I had misread what this does I thought it would return all the URLs within a queue, which would be useful for debugging.
This will stream the entire content of the frontier by pages of e.g. 100 URLs. What do you want to be able to achieve with this? backups? debugs?
Should we consider an export
endpoint instead? If so, what format would it use to represent all the data including the metadata? Should the service implementations be responsible for writing the data and communicating the location of the file to the client?
It's main purpose was for debug but we will also probably use it in our UI for the user to browse the frontier, I didn't consider it an export/backup feature (which would mean, we would also need an import feature)
It's main purpose was for debug but we will also probably use it in our UI for the user to browse the frontier, I didn't consider it an export/backup feature (which would mean, we would also need an import feature)
thanks for the explanation @klockla. in a sense PutURLs is the import feature but we could have one where a file is made available to the server locally and it could ingest it as a batch. This would be quicker than streaming from the client; I think @michaeldinzinger did something similar with the OpenSearch backend he uses at OpenWebSearch.
Going back to our primary topic, would it be OK to list the URLs per queue only? From a client's perspective you can list the queues separately and get the URLs for each one. This would be equivalent to paging in a sense.
Doing so would make more sense to me as in most cases you'd want to debug per queue.

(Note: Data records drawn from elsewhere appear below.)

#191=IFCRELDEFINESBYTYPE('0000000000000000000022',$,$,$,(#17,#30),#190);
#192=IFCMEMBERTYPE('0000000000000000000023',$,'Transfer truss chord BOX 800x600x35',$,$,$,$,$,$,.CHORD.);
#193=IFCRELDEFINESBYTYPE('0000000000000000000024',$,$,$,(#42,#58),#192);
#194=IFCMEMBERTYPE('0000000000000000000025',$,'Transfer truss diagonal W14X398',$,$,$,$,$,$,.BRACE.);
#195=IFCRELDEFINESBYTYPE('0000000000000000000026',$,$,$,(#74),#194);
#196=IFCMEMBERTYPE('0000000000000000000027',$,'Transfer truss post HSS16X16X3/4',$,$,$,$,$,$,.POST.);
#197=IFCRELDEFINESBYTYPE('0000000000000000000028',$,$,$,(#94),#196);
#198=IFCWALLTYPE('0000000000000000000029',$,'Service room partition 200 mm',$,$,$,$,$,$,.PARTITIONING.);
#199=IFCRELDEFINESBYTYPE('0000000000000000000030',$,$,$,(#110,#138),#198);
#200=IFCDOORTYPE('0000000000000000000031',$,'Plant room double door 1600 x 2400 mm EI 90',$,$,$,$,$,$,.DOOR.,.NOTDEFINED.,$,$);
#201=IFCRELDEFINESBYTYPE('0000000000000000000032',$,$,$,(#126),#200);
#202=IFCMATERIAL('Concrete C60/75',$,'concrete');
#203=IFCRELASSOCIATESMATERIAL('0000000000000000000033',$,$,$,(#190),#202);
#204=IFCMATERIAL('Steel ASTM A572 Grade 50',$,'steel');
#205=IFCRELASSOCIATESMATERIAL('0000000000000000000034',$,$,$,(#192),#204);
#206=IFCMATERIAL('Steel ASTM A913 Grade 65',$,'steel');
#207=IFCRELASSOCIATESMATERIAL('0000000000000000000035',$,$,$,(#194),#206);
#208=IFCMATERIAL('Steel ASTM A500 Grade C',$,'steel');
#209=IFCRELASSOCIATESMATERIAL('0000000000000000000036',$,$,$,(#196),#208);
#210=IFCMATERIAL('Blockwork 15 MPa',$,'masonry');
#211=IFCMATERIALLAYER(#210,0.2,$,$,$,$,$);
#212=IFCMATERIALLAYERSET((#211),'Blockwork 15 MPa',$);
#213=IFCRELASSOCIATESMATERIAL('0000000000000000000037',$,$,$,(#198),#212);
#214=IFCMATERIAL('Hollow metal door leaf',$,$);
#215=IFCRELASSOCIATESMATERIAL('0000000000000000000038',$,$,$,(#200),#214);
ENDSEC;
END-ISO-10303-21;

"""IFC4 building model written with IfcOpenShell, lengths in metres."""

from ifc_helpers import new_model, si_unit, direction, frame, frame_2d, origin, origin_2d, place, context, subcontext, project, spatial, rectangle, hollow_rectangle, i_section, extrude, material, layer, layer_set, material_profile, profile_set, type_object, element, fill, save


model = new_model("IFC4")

What do you think?
What do you think of the following:
We keep the pagination and add the possibility to restrict to a given queue (if none specified, we will go over all of them).
Parameters would look something like:
message ListUrlParams { // position of the first result in the list; defaults to 0 uint32 start = 1; // max number of values; defaults to 100 uint32 size = 2; / ID for the queue / string key = 3; // crawl ID string crawlID = 4; // only for the current local instance bool local = 5; }
What do you think of the following:
We keep the pagination and add the possibility to restrict to a given queue (if none specified, we will go over all of them).
Parameters would look something like:
message ListUrlParams { // position of the first result in the list; defaults to 0 uint32 start = 1; // max number of values; defaults to 100 uint32 size = 2; / ID for the queue / string key = 3; // crawl ID string crawlID = 4; // only for the current local instance bool local = 5; }
yes that would work I think
Updated the PR to include queue parameter
Added method ListURLs in API and client to list all URLs known in the frontier with their next fetch date (RocksDB & MemoryFrontier implementations only)